19. SECURITIES LAW AND OTHER REGULATORY COMPLIANCE
. An Award will not be effective unless such
Award is in compliance with all applicable federal and state securities laws, rules and regulations of any governmental body, and the
requirements of any stock exchange or automated quotation system upon which the Shares may then be listed or quoted, as they are in effect on
the date of grant of the Award and also on the date of exercise or other issuance. Notwithstanding any other provision in this Plan, the Company
will have no obligation to issue or deliver certificates for Shares under this Plan prior to: (a) obtaining any approvals from governmental
agencies that the Company determines are necessary or advisable; and/or (b) completion of any registration or other qualification of such Shares
under any state or federal law or ruling of any governmental body that the Company determines to be necessary or advisable. The Company will
be under no obligation to register the Shares with the SEC or to effect compliance with the registration, qualification or listing requirements of
any state securities laws, stock exchange or automated quotation system, and the Company will have no liability for any inability or failure to do
so.
20. NO OBLIGATION TO EMPLOY
. Nothing in this Plan or any Award granted under this Plan will confer or be deemed
to confer on any Participant any right to continue in the employ of, or to continue any other relationship with, the Company or any Parent or
Subsidiary of the Company or limit in any way the right of the Company or any Parent or Subsidiary of the Company to terminate Participant
s
employment or other relationship at any time, with or without cause.
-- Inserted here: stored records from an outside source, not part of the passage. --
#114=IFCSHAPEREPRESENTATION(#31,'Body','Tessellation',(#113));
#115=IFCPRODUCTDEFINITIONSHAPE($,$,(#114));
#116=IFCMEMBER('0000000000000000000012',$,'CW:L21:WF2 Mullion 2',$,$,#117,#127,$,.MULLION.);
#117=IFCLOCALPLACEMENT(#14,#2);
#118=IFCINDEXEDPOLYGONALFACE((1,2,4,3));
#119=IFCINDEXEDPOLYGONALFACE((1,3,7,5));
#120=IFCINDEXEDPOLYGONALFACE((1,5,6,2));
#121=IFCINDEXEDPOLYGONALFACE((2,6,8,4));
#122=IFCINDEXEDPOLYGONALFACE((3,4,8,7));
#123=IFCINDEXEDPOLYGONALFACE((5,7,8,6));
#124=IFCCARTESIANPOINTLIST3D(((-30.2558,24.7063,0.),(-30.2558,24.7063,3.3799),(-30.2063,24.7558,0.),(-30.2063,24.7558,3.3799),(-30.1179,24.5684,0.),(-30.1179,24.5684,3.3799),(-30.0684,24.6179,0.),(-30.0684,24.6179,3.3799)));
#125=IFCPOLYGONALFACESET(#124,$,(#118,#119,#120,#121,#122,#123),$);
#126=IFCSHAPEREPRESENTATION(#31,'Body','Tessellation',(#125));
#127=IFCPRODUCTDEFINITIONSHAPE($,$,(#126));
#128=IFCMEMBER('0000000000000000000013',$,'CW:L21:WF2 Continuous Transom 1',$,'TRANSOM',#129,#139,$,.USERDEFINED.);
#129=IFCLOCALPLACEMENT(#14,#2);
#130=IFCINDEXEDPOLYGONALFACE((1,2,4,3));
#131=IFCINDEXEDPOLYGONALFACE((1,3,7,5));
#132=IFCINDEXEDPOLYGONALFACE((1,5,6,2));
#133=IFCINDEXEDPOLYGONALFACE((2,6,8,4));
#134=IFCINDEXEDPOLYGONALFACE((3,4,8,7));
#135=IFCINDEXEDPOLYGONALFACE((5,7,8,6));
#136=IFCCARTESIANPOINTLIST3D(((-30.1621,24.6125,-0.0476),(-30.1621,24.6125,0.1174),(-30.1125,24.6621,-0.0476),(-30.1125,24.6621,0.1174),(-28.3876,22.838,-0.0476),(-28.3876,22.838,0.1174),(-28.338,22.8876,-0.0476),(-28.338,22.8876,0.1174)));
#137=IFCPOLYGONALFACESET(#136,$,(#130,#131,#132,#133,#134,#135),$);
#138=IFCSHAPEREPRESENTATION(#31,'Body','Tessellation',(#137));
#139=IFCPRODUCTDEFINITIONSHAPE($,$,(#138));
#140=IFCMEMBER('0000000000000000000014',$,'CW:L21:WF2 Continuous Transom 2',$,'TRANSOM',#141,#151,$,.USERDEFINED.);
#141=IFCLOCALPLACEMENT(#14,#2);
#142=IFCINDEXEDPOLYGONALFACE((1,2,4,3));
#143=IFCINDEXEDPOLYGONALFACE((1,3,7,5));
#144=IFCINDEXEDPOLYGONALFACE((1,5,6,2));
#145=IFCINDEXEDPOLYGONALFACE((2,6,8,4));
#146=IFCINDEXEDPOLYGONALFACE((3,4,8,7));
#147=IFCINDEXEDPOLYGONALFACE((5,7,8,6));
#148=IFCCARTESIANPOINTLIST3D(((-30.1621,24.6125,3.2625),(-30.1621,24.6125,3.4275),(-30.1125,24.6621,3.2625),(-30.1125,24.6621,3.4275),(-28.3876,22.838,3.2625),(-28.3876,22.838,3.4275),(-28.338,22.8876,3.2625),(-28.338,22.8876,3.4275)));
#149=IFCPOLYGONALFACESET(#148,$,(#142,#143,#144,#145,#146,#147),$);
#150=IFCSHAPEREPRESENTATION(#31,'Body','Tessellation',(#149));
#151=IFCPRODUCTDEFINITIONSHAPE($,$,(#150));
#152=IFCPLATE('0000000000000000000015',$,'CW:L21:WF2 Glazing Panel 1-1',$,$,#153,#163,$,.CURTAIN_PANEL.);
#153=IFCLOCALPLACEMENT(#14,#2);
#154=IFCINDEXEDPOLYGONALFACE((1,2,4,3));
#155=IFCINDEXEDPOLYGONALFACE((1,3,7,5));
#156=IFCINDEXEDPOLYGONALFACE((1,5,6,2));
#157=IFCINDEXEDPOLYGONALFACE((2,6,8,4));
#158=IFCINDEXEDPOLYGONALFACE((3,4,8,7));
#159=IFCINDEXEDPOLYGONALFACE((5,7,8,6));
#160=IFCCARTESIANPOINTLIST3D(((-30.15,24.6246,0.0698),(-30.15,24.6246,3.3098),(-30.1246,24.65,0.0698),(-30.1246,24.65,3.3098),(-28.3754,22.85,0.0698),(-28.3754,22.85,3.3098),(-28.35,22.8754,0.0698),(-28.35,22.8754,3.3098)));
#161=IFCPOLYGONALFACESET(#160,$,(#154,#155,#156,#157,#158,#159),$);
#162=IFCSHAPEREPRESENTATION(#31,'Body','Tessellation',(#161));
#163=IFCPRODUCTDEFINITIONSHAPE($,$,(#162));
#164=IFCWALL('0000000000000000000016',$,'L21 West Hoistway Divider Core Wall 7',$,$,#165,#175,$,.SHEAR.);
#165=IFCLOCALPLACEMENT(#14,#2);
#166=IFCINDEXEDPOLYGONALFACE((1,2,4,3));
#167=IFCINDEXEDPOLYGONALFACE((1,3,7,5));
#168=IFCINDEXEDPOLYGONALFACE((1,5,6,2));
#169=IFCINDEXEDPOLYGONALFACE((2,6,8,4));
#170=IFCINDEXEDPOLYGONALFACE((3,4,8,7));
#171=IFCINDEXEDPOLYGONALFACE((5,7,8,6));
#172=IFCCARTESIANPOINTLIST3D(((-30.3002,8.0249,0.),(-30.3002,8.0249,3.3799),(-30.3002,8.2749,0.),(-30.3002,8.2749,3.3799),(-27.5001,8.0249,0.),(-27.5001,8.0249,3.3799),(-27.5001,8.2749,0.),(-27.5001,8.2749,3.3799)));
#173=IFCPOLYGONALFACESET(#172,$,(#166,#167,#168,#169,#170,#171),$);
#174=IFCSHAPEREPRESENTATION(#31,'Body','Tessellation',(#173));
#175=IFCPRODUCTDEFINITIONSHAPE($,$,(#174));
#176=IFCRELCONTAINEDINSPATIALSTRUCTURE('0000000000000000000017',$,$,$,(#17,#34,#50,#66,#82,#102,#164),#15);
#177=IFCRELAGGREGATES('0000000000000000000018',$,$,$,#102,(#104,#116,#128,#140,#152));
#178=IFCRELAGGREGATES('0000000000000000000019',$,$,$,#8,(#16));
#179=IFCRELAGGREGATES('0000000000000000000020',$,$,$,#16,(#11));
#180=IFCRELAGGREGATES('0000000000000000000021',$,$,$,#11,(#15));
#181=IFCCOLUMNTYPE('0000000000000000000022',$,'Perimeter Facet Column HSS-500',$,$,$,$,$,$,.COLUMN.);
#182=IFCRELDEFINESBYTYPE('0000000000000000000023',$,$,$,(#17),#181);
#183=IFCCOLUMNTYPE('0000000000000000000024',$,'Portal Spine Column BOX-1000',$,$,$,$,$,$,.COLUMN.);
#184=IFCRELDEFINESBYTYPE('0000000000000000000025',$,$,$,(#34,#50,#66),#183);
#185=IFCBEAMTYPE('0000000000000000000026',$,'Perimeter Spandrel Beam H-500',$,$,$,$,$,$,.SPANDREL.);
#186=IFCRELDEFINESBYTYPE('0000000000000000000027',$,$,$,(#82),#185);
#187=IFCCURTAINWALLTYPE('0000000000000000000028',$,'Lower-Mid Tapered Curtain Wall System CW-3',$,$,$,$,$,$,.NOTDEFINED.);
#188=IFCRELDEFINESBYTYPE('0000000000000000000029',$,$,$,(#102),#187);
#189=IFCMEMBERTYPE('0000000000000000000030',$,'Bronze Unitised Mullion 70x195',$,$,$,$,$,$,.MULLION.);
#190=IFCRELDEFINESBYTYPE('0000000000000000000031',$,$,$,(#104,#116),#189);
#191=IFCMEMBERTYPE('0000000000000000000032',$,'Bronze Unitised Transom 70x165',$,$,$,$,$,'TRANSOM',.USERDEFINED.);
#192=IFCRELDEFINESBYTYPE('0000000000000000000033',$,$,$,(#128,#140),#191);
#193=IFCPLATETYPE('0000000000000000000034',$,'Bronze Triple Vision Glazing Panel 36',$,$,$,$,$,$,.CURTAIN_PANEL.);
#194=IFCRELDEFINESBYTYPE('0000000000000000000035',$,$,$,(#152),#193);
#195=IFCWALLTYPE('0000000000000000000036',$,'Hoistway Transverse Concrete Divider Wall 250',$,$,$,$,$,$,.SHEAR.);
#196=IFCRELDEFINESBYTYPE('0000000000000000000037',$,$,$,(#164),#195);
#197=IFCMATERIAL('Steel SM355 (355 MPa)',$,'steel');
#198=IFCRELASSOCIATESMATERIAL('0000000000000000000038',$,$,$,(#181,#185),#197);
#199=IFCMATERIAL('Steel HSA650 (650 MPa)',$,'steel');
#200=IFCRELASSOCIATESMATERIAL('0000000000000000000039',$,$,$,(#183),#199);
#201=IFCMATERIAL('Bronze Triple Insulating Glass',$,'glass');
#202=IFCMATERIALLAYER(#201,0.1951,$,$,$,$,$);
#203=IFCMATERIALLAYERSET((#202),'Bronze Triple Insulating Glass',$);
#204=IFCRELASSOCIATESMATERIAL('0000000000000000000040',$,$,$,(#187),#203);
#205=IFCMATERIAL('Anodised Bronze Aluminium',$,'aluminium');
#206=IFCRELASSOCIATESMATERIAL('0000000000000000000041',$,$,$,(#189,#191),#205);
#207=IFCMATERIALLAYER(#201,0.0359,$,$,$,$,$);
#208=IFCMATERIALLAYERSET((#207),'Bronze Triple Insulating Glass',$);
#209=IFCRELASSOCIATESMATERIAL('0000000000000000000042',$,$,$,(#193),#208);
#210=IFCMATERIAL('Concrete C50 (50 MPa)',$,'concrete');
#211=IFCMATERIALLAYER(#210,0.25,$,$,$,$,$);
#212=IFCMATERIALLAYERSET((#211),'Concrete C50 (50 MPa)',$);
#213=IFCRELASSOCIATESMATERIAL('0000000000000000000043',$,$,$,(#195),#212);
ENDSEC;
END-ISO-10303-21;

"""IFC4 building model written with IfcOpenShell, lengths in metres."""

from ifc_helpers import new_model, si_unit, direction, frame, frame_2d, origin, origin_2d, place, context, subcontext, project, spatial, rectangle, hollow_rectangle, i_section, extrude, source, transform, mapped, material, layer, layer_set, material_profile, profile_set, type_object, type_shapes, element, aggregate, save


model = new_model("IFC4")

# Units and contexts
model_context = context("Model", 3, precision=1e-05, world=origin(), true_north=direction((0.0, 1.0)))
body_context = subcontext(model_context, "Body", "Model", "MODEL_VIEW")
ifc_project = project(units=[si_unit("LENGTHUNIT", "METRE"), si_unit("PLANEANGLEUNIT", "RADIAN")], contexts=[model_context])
21. CORPORATE TRANSACTIONS .
21.1 Assumption or Replacement of Awards by Successor
. In the event of a Corporate Transaction any or all
outstanding Awards may be assumed or replaced by the successor corporation, which assumption or replacement shall be binding on all
Participants. In the alternative, the successor corporation may substitute equivalent Awards or provide substantially similar consideration to
Participants as was provided to stockholders (after taking into account the existing provisions of the Awards). The successor corporation may
also issue, in place of outstanding Shares of the Company held by the Participant, substantially similar shares or other property subject to
repurchase restrictions no less favorable to the Participant. In the event such successor or acquiring corporation (if any) refuses to assume,
convert, replace or substitute Awards, as provided above, pursuant to a Corporate Transaction, then notwithstanding any other provision in this
Plan to the contrary, such Awards will expire on such transaction at such time and on such conditions as the Board will determine.